On the morning of June 4, a red flag warning was issued by the Anchorage Weather Service Forecast Office, due to high winds, high temperatures, and low humidity. The fire continued to rapidly spread through the canopy of the forest. The fire reached the northeast shore of Big Lake by the afternoon. The fire had burned 12000 acres. The initial command and control center was placed at Houston High School, about three miles southeast of the ignition point of the fire. As the fire and the response from local, state and federal authorities grew, a unified command structure was established at Creekside Plaza in Wasilla, Alaska, about 12 miles further east. Governor Tony Knowles issued a State Disaster Declaration.

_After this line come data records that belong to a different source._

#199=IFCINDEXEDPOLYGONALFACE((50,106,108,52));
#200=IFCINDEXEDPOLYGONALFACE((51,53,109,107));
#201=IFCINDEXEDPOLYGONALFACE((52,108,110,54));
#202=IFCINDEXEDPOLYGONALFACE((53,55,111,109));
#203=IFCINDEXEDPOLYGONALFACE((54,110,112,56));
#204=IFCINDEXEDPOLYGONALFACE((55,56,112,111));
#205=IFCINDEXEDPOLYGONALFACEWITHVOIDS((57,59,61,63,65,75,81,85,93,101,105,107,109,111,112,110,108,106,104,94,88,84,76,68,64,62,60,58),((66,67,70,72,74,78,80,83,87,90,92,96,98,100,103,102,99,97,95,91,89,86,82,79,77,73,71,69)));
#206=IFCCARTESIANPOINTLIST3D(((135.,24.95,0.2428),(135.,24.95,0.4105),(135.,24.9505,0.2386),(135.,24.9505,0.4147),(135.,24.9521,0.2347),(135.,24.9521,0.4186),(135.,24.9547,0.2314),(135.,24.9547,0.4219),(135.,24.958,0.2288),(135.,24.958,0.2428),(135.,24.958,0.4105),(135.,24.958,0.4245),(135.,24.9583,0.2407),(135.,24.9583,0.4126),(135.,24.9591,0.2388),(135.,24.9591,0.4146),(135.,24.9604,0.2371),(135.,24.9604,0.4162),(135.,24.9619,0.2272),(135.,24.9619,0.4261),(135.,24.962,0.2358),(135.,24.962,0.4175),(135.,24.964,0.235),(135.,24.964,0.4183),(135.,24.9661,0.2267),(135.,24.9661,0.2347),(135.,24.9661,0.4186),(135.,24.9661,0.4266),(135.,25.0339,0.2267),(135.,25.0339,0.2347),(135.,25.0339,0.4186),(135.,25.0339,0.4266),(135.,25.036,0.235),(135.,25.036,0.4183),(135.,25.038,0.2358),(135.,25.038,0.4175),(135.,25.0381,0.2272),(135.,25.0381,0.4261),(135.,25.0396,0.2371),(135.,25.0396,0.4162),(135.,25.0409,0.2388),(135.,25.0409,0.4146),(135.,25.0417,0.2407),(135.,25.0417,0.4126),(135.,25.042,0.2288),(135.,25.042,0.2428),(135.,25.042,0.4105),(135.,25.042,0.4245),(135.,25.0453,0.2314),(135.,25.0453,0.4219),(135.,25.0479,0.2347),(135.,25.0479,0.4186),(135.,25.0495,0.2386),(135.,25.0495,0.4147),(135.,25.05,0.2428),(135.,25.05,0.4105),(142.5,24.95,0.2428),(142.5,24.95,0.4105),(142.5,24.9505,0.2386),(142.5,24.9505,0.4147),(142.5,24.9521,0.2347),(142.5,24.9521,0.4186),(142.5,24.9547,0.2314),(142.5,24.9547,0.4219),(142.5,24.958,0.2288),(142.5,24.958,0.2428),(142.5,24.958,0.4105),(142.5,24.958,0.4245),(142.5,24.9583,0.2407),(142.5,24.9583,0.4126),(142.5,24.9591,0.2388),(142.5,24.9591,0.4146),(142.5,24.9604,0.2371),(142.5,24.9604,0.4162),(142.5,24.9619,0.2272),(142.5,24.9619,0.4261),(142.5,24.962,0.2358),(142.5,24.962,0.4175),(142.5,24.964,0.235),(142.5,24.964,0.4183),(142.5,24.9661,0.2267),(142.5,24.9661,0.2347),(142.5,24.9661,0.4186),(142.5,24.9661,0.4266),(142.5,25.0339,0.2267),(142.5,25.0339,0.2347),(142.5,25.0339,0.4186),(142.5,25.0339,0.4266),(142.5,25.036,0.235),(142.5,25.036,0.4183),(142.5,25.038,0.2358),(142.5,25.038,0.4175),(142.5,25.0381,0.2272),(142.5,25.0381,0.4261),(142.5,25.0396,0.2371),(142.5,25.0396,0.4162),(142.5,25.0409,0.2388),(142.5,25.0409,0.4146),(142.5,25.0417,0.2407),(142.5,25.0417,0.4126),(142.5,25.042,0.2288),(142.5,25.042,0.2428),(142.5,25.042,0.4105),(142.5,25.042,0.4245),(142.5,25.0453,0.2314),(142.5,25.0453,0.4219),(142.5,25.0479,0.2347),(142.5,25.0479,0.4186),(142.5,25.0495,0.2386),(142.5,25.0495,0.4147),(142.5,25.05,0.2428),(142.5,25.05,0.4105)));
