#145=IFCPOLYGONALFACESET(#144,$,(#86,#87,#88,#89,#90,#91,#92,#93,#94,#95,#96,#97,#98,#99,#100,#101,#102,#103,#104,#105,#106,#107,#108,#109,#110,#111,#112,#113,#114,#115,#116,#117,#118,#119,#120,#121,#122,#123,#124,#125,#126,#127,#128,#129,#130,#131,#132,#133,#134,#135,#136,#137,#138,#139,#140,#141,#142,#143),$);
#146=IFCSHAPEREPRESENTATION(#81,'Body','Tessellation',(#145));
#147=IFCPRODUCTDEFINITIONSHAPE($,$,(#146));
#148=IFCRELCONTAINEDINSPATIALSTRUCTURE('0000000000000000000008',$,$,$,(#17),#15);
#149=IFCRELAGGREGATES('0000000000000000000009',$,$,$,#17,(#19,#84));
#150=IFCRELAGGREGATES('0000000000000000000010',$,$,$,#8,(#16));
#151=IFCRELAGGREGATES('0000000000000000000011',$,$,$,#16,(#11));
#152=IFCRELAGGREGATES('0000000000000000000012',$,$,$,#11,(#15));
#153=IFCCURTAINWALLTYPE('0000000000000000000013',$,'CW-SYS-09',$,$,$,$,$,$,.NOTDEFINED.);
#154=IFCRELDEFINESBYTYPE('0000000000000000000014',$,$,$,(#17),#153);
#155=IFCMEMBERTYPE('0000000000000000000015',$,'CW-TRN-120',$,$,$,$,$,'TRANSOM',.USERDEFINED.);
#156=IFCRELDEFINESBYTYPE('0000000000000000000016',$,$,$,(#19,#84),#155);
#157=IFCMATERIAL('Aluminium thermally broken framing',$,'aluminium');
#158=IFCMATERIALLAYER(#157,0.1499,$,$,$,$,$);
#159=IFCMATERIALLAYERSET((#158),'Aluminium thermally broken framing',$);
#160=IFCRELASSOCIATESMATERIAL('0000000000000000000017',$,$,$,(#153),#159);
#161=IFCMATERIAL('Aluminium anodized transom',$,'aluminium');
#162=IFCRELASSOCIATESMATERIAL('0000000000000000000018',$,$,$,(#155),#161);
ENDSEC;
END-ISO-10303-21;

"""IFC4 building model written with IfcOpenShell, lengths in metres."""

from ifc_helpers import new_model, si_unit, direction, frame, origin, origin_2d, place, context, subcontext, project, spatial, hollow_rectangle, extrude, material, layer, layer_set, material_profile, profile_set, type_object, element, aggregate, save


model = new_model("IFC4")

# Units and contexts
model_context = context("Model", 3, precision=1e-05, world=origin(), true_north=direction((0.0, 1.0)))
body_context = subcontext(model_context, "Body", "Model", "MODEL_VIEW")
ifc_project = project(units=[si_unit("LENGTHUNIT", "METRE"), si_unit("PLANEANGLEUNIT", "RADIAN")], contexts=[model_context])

By June 5, the fire had spread west along the north shore and south along the east shore of Big Lake. Winds gusted to more than 30 miles from both the north and the southeast during the day, but dropped to a light breeze later in the day. Smoke rose as high as 15000 feet into the sky.

By June 7, reports indicated the fire was slowing down. On June 8, President Clinton signed Federal Disaster Declaration AK-1119-DR, making federal disaster relief funding available. This funding eventually exceeded $8 million. On June 10, the fire was declared to be contained. On June 15, the fire was declared to be under control.

== Aftermath ==
The Big Lake, Alaska area suffered significant and sustained economic loss. Rail and road transportation between Anchorage and Fairbanks was temporarily cut off. Following the fire, funds exceeding $1.5 million were made available for wildfire mitigation measures.

In 1998, a class action lawsuit seeking approximately $100 million in damages was brought against the State of Alaska alleging the state mismanaged the fire. In 2003, a unanimous jury ruled in favor of the state.